Andrea

Andrea, 30, is currently training as a nurse and lives in Sheffield, South Yorkshire.

I first discovered mindfulness in 2010, in the aftermath of an episode of severe depression. I have had mental health problems since I was a teenager, although I experienced a long period of being well in the latter years of my time at university. However, after I finished my degree, I was faced with huge life stresses like job and money worries, as well as family issues. I couldn’t cope and, as a result, I developed severe anxiety which eventually led to my depression. Further down the line, I was diagnosed with Borderline Personality Disorder (BPD) which explained my experience of incredibly intense and distressing emotions. It was during this time that I began to read widely about depression and mental health. I was particularly attracted to a book on mindfulness, as it was genuinely different from anything I had ever read before.

As I read more about mindfulness, several aspects of the practice stood out. The first was the focus on being non-judgmental – I am pretty hard on myself, so it felt like mindfulness gave me ‘permission’ to treat myself a bit more kindly. I was also comforted by the fact that you can’t do mindfulness ‘wrong’, so there was no danger of me ‘failing’ at it. I was also struck by the focus on the present moment – I’ve had very difficult childhood experiences and often anxiously worry about the future, so the idea that the ‘present’ was the only thing that was real was liberating.

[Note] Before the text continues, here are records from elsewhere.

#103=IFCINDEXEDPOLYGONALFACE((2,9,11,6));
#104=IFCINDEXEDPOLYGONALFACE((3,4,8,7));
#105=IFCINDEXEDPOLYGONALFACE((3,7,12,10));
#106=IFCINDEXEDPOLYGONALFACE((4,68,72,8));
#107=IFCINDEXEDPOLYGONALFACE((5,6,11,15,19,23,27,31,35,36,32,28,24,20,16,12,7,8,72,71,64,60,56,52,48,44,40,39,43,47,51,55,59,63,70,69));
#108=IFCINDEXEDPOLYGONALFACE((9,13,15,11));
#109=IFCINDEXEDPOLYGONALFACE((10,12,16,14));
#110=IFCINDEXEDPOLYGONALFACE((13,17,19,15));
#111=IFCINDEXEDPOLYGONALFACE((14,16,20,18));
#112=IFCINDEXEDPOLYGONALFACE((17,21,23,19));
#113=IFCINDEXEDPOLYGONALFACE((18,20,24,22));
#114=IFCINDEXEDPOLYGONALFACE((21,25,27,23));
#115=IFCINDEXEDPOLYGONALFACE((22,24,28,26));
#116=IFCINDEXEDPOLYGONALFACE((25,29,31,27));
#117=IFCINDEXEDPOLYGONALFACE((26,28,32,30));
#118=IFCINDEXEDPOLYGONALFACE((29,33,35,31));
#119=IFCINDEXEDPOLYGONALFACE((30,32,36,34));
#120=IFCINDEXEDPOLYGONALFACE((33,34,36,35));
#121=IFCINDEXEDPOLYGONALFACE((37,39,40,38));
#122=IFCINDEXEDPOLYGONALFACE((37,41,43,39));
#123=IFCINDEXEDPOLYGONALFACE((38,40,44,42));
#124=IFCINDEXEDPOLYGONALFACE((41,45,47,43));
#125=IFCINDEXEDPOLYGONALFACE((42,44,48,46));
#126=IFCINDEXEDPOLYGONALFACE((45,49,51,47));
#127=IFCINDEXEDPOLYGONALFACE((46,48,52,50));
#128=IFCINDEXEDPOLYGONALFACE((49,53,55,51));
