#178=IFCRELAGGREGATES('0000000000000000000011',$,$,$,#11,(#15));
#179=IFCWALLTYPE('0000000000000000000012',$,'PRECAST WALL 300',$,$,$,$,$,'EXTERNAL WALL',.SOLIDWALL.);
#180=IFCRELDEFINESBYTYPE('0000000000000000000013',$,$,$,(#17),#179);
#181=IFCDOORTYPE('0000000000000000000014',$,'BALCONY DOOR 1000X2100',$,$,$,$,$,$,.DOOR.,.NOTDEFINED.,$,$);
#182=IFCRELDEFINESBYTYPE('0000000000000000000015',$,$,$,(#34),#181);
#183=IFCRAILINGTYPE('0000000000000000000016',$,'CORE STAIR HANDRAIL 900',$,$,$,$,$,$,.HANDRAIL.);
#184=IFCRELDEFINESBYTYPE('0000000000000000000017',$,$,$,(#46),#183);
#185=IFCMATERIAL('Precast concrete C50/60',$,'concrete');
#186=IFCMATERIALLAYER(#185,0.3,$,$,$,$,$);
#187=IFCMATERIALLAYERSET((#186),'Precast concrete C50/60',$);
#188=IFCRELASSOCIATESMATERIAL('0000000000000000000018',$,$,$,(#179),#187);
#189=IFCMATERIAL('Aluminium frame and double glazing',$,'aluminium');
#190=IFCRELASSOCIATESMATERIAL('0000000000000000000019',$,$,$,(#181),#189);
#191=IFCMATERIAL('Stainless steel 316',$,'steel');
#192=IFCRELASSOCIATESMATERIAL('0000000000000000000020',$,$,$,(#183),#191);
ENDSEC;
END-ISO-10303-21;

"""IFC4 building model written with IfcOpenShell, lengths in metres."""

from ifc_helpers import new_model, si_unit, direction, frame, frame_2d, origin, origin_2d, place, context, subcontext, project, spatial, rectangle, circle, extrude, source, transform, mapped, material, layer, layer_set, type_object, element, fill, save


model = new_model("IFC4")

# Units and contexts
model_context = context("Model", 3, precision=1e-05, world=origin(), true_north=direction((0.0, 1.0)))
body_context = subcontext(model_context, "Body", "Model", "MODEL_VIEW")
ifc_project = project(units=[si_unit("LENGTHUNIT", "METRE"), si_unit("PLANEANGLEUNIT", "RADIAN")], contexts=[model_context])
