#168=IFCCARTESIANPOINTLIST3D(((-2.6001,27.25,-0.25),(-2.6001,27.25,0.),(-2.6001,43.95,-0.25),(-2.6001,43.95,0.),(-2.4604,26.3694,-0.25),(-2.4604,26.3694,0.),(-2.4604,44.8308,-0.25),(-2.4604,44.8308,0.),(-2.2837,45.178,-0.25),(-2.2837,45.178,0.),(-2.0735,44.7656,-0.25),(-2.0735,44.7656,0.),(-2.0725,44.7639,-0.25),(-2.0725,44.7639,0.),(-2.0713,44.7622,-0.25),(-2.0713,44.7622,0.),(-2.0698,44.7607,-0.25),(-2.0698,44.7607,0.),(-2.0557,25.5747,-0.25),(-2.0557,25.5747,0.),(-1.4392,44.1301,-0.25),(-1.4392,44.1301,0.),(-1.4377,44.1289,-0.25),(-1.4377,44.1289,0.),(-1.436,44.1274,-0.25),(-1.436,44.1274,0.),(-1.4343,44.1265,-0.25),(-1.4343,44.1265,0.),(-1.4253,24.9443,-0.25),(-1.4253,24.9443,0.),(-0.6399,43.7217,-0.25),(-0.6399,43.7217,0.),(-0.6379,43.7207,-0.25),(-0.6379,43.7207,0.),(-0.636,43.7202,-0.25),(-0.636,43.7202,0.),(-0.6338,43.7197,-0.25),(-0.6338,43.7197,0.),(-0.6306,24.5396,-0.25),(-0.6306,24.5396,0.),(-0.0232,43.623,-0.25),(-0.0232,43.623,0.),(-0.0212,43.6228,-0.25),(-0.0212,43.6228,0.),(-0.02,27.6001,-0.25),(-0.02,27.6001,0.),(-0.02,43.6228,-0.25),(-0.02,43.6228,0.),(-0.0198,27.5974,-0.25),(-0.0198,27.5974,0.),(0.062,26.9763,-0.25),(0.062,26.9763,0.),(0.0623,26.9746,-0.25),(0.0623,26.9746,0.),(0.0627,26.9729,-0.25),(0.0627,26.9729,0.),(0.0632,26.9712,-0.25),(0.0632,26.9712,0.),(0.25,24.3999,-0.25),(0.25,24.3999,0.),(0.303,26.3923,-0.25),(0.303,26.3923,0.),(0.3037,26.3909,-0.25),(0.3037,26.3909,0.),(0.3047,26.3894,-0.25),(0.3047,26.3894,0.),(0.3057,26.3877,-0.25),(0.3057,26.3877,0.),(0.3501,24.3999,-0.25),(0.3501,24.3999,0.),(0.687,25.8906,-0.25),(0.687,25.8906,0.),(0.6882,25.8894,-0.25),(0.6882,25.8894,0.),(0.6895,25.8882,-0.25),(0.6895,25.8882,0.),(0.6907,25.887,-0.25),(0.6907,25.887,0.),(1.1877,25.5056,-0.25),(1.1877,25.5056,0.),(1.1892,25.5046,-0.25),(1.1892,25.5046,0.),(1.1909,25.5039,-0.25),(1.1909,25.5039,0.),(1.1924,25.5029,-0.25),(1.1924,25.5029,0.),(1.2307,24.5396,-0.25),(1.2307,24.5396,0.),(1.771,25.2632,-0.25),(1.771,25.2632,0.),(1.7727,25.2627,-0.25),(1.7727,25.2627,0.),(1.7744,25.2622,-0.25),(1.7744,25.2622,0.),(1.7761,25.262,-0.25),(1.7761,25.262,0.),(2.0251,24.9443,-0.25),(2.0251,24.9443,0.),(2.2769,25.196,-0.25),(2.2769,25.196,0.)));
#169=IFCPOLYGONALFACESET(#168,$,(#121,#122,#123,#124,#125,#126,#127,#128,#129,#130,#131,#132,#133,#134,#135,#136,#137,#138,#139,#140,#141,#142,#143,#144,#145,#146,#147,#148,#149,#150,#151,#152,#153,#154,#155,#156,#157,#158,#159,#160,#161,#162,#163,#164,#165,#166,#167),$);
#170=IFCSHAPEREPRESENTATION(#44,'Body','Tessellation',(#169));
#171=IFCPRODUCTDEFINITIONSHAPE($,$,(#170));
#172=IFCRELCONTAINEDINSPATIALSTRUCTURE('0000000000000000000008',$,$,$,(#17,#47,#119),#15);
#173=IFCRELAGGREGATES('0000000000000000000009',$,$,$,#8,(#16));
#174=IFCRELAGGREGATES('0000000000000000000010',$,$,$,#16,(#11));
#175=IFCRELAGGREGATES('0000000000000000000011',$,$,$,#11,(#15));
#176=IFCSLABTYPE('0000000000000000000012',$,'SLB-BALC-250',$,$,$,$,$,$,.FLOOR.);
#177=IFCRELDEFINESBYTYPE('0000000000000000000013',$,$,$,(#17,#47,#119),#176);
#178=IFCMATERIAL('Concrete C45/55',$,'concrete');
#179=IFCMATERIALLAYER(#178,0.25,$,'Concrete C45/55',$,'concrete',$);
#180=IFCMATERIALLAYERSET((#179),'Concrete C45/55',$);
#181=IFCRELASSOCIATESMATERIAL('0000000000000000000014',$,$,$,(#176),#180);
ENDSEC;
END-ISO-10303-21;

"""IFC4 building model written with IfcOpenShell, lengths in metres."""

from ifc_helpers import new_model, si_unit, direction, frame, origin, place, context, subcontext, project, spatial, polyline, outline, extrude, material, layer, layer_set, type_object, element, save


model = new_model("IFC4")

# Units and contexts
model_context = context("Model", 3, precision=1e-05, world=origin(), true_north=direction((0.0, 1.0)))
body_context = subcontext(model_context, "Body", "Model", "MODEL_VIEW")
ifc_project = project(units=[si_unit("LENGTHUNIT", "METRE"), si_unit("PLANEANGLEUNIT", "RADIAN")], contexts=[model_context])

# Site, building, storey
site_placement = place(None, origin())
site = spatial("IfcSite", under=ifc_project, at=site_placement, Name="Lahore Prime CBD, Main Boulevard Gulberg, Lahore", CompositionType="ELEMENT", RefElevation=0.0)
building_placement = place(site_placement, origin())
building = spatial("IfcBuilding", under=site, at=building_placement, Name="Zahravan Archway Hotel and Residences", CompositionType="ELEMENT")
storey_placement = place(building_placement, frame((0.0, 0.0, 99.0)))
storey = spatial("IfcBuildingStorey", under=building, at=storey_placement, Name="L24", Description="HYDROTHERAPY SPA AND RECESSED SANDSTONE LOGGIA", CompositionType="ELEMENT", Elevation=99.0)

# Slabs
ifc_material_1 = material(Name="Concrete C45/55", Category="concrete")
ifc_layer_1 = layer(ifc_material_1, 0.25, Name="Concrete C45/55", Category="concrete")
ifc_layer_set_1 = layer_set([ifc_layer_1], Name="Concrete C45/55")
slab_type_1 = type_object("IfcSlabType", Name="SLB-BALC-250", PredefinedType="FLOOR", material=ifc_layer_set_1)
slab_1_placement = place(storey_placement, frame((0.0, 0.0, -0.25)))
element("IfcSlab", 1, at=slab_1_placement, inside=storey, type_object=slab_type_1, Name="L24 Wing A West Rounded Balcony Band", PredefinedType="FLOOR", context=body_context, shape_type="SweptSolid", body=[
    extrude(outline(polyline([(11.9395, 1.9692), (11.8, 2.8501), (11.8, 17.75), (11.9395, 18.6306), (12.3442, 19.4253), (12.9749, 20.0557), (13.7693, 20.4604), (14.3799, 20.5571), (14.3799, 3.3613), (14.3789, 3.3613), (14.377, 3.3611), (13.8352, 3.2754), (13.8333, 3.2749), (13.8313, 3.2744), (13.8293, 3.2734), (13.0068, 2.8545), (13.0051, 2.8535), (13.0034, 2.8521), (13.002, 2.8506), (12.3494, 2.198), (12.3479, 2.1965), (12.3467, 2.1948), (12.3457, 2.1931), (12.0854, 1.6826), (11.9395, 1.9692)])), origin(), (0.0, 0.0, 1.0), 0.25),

Mindfulness is one of those things you actually have to experience to understand. There are a lot of misconceptions about mindfulness – for example, that it’s a tool with the aim of inducing relaxation. That’s not it at all: mindfulness is about accepting your present experience, just as it is, whether that’s good, bad or neutral. Reduced anxiety or relaxation may happen, or it may not; learning to accept life’s experiences and emotions is the true value of mindfulness. You could be experiencing some pretty awful emotions during the practice, but mindfulness will allow you to manage them more effectively.

The philosophy that underpins mindfulness has led to a major change in my entire worldview. The simple truth that everything changes in life has made it easier for me to cope with the huge anxiety that comes from uncertainty. The ability to be non-judgmental when my mind wandered was an initial foray into the world of self-compassion; this slowly led to an erosion of the feelings of self-loathing which I’ve had since I was a child. The core practice – an awareness of the present moment – allows me to cope with my fluctuating emotional state. It has also meant that I have been able to stop using self-harm as a coping mechanism for overwhelming emotions as they arise.

The benefits of mindfulness have also led to a change in career – I worked previously as a data analyst and an administrator, but now I am a second year student nurse. I couldn’t have imagined ever becoming a nurse, but having the space to experience my own intense emotions has unexpectedly led to being able to handle the emotions of other people without getting distressed myself. A busy ward is actually the perfect place to practice mindfulness – I use it more in action than in formal sitting meditation these days. It also helps me manage the anxiety that comes with being a student. When things get stressful, it’s often helpful to just pause for a moment and simply ‘be’ where I am.

Mindfulness is not a cure-all; I don’t think that is the point. The huge challenges that living with BPD and anxiety present can sometimes mean that I’m simply too distressed to practice mindfulness, and may need to rely on other ways to cope. But I find mindfulness extremely useful as a way of living, and as a way of being. I’m just so glad that I gave it a chance.